The sequences don’t say an AI will always fail to optimize a formal goal. The problem is more of mismatch between the formal goal and what humans want. My idea tries to make that mismatch small, by making the goal say directly which conscious experiences should exist in the universe (isomorphic to a given set of unmodified human brains experiencing a given VR setup, sometimes creating new brains according to given rules, all of which was defined without AI involvement). Then we’re okay with recursive self-improvement and all sorts of destruction in the pursuit of that goal. It can eat the whole universe if it likes.
My idea was to make humans set all the rules, while defining the VR utopia, before giving it to the UFAI. It’d be like writing a video game. It seems possible to write a video game that doesn’t let people create hells (including virtual hells, because the VR can be very coarse-grained). Similar for the problem of pain, just give people some control buttons that other people can’t take away. I think hand-coding a toy universe that feels livable long term and has no sharp tools is well within mankind’s ability.
You think you can formalize a goal which specifies which conscious experiences should exist? It looks to me to be equivalent to formalizing the human value system. And being isomorphic to a “set of unmodified human brains” just gives you the whole humanity as it is: some people’s fantasies involve rainbows and unicorns, and some—pain and domination. There are people who do want hells, virtual or not—so you either will have them in your utopia or you will have to filter such desires out and that involves a value system to decide what’s acceptable in the utopia and what’s not.
That’s called politics and is equivalent to setting the rules for real-life societies on real-life Earth. I don’t see why you would expect it to go noticeably better this time around—you’re still deciding on rules for reality, just with a detour through VR. And how would that work in practice? A UN committee or something? How will disagreements be resolved?
To take a trivial example, consider internet harassment. Everyone has a control button that online trolls cannot take away: the off switch on your computer (or even the little X in the top corner of your window). You think it works that well?
The hope is that encoding the idea of consciousness will be strictly easier than encoding everything that humans value, including the idea of consciousness (and pleasure, pain, love, population ethics, etc). It’s an assumption of the post.
Correct. My idea doesn’t aim to solve all human problems forever. It aims to solve the problem that right now we’re sitting on a powder keg, with many ways for smarter than human intelligences to emerge, most of which kill everyone. Once we’ve resolved that danger, we can take our time to solve things like politics, internet harassment, or reconciling people’s fantasies.
I agree that defining the VR is itself a political problem, though. Maybe we should do it with a UN committee! It’s a human-scale decision, and even if we get it wrong and a bunch of people suffer, that might be still preferable to killing everyone.
I don’t know—I think that once you hand off the formalized goal to the UFAI, you’re stuck: you snapshotted the desired state and you can’t change anything any more. If you can change things, well, that UFAI will make sure things will get changed in the direction it wants.

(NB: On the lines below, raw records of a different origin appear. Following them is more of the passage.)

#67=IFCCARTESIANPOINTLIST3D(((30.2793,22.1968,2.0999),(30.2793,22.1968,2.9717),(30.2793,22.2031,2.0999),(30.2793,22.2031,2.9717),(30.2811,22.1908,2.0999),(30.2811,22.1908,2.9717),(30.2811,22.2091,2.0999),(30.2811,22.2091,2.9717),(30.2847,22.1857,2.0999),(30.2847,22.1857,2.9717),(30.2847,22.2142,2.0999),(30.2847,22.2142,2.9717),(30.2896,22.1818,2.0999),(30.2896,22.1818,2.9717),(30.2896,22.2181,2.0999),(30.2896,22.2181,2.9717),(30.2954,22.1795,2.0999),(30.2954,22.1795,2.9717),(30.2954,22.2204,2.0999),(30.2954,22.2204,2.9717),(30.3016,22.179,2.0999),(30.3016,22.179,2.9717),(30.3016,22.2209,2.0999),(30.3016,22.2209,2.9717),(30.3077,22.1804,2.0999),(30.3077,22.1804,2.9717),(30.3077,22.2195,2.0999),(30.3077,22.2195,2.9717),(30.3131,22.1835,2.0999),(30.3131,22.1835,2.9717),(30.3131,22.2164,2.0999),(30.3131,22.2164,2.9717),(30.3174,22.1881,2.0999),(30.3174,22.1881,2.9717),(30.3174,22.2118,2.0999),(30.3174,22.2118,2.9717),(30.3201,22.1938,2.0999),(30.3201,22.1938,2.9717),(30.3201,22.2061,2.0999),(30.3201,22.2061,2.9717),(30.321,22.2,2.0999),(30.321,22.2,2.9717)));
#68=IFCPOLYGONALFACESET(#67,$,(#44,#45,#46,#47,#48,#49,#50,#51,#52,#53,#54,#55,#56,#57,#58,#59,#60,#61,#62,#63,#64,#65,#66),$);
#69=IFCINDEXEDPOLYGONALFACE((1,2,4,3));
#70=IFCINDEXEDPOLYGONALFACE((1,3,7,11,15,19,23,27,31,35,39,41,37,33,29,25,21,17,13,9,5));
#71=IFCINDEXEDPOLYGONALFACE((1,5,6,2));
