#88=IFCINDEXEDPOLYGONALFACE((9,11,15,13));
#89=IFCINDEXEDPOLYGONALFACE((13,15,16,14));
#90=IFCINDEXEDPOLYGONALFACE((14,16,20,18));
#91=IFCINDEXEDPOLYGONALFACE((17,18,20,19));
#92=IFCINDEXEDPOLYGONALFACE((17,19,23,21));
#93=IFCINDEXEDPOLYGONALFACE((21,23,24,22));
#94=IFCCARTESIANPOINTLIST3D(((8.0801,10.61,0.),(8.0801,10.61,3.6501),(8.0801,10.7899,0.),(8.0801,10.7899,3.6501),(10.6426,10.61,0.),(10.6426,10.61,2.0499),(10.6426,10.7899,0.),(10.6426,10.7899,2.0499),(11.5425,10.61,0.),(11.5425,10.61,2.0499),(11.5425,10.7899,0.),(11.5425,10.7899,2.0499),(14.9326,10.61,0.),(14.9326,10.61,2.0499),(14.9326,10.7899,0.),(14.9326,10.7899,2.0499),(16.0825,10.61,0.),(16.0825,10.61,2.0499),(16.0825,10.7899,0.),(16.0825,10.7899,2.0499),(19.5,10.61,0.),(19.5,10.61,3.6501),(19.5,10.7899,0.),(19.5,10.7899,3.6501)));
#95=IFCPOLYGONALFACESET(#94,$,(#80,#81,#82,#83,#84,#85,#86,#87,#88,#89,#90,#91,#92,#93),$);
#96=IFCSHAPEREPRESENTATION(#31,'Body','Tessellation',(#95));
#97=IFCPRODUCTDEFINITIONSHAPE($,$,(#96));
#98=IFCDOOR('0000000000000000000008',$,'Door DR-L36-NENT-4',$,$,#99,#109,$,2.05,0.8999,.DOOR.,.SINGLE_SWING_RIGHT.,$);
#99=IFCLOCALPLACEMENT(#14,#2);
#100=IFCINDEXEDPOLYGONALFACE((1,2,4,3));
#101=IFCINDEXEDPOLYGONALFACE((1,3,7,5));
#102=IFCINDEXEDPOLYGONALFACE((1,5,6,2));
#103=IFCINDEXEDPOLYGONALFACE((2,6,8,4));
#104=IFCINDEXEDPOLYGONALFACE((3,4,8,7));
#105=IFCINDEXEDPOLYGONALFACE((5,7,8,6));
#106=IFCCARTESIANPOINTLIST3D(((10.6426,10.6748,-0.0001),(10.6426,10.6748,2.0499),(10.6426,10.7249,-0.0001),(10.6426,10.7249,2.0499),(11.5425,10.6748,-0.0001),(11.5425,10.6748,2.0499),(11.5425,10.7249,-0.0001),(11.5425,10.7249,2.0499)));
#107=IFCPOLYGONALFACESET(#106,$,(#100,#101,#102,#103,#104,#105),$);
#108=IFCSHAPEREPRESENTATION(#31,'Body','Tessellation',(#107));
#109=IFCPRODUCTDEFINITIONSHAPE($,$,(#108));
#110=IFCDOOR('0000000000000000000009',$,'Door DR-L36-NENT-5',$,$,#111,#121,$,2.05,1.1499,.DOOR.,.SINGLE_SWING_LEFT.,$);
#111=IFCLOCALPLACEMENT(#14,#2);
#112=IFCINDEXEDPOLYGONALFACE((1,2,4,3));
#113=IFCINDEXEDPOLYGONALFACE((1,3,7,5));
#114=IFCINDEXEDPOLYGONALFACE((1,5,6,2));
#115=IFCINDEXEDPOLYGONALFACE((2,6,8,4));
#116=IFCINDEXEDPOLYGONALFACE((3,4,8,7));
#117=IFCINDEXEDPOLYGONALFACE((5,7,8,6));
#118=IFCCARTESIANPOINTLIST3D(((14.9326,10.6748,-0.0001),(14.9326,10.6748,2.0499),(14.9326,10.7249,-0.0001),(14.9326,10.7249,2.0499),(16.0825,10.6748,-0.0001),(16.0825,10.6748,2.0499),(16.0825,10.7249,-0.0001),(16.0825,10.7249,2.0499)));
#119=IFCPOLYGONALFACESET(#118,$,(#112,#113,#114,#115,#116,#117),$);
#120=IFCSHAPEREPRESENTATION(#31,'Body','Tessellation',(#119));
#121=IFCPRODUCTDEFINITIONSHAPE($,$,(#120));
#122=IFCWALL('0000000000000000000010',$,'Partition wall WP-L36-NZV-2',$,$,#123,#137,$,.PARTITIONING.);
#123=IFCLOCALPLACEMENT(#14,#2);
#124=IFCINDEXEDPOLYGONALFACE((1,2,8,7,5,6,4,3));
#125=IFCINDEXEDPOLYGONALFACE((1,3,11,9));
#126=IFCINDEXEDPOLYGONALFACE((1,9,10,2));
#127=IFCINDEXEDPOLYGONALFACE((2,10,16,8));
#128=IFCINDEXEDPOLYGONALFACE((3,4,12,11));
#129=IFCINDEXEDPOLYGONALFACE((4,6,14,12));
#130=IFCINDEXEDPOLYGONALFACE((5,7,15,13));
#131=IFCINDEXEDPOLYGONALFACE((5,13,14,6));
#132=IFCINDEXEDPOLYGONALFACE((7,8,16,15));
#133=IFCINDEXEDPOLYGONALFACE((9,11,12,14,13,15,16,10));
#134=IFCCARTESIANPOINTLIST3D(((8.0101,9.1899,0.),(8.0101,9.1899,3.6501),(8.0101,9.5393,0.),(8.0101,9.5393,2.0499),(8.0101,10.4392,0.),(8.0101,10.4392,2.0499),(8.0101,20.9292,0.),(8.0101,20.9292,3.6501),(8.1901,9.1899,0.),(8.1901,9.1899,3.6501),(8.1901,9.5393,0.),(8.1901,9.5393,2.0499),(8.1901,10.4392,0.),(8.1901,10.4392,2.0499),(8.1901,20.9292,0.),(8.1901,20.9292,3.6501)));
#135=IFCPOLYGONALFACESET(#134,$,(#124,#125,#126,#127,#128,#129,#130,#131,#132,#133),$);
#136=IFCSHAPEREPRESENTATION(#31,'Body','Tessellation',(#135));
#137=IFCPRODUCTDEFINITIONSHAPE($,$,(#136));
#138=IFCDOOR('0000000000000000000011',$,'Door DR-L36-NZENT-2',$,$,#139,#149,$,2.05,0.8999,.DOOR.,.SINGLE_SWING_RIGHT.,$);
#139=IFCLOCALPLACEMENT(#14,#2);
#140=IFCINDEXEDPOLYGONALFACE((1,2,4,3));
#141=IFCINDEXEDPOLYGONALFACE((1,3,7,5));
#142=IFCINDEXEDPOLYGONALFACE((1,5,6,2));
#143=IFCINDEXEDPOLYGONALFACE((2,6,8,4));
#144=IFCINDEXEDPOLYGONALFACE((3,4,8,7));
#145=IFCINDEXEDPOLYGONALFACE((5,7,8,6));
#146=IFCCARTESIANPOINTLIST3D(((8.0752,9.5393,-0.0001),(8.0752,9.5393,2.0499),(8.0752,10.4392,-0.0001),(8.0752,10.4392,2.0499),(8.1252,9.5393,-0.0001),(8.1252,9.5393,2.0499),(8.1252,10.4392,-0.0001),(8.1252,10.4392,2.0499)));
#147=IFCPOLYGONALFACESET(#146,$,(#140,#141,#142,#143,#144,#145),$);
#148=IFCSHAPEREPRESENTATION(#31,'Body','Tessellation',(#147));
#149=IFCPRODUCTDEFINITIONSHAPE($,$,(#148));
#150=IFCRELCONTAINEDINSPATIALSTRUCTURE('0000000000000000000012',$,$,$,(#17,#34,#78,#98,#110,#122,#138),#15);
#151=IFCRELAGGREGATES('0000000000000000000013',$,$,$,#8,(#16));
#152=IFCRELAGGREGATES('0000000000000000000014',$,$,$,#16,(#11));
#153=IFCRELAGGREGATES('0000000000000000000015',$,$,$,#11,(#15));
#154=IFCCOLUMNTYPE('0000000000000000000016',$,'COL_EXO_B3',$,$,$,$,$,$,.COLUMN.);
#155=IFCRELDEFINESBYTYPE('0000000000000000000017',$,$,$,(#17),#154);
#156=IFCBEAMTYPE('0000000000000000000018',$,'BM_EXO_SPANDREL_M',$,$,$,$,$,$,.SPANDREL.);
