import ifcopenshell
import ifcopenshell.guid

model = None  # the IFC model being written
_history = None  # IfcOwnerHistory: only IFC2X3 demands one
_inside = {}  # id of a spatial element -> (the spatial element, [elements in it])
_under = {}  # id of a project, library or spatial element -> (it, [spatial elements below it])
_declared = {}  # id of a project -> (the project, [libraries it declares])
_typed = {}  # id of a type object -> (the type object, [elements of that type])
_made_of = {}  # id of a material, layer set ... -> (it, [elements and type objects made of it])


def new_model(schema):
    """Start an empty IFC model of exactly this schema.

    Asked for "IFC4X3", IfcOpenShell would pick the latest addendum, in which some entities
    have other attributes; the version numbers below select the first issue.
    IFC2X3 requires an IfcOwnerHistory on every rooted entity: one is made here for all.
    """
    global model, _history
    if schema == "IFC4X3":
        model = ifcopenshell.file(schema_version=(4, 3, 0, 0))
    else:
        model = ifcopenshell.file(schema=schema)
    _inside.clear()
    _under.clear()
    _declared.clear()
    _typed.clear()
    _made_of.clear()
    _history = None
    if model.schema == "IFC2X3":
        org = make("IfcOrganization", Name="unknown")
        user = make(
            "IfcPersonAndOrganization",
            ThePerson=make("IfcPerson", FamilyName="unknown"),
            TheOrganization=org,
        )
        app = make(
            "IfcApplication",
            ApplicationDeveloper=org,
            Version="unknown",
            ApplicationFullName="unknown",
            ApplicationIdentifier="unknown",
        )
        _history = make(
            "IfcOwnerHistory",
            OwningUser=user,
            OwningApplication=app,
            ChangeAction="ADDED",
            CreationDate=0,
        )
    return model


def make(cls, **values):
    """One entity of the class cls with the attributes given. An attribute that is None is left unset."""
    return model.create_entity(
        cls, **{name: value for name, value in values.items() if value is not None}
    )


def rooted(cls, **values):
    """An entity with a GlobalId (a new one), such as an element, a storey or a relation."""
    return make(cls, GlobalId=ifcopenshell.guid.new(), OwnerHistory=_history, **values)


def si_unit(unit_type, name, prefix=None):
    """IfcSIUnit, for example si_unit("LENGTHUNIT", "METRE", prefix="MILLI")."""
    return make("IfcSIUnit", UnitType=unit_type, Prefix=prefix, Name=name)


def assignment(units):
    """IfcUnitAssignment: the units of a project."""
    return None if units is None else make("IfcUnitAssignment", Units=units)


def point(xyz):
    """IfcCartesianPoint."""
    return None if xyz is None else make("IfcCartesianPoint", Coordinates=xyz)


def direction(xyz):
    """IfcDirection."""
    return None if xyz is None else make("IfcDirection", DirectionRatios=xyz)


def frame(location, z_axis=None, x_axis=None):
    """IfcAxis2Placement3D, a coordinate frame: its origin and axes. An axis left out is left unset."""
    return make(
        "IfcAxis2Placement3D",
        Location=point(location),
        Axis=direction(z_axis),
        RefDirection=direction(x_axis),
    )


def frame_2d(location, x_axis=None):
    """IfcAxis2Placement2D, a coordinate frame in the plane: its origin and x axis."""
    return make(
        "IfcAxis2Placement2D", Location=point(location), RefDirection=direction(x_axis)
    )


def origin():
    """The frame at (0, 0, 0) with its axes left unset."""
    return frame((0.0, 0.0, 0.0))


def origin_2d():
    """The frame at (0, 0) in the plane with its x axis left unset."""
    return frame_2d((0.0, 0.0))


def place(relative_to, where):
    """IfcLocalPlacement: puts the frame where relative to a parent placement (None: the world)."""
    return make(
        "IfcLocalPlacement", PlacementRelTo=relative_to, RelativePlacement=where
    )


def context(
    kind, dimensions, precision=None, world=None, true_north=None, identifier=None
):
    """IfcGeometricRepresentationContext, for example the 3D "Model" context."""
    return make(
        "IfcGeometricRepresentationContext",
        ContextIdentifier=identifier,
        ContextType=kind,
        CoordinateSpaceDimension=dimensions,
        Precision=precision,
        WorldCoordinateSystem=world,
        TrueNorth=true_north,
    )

I think it should be possible to define a game that gives people tools to peacefully resolve disagreements, without giving them tools for intelligence explosion. The two don’t seem obviously connected.
So then, basically, the core of your idea is to move all humans to a controlled reality (first VR, then physical) where an intelligence explosion is impossible? It’s not really supposed to solve any problems, just prevent the expected self-destruction?
Yeah. At quite high cost, too. Like I said, it’s intended as a lower bound of what’s achievable, and I wouldn’t have posted it if any better lower bound was known.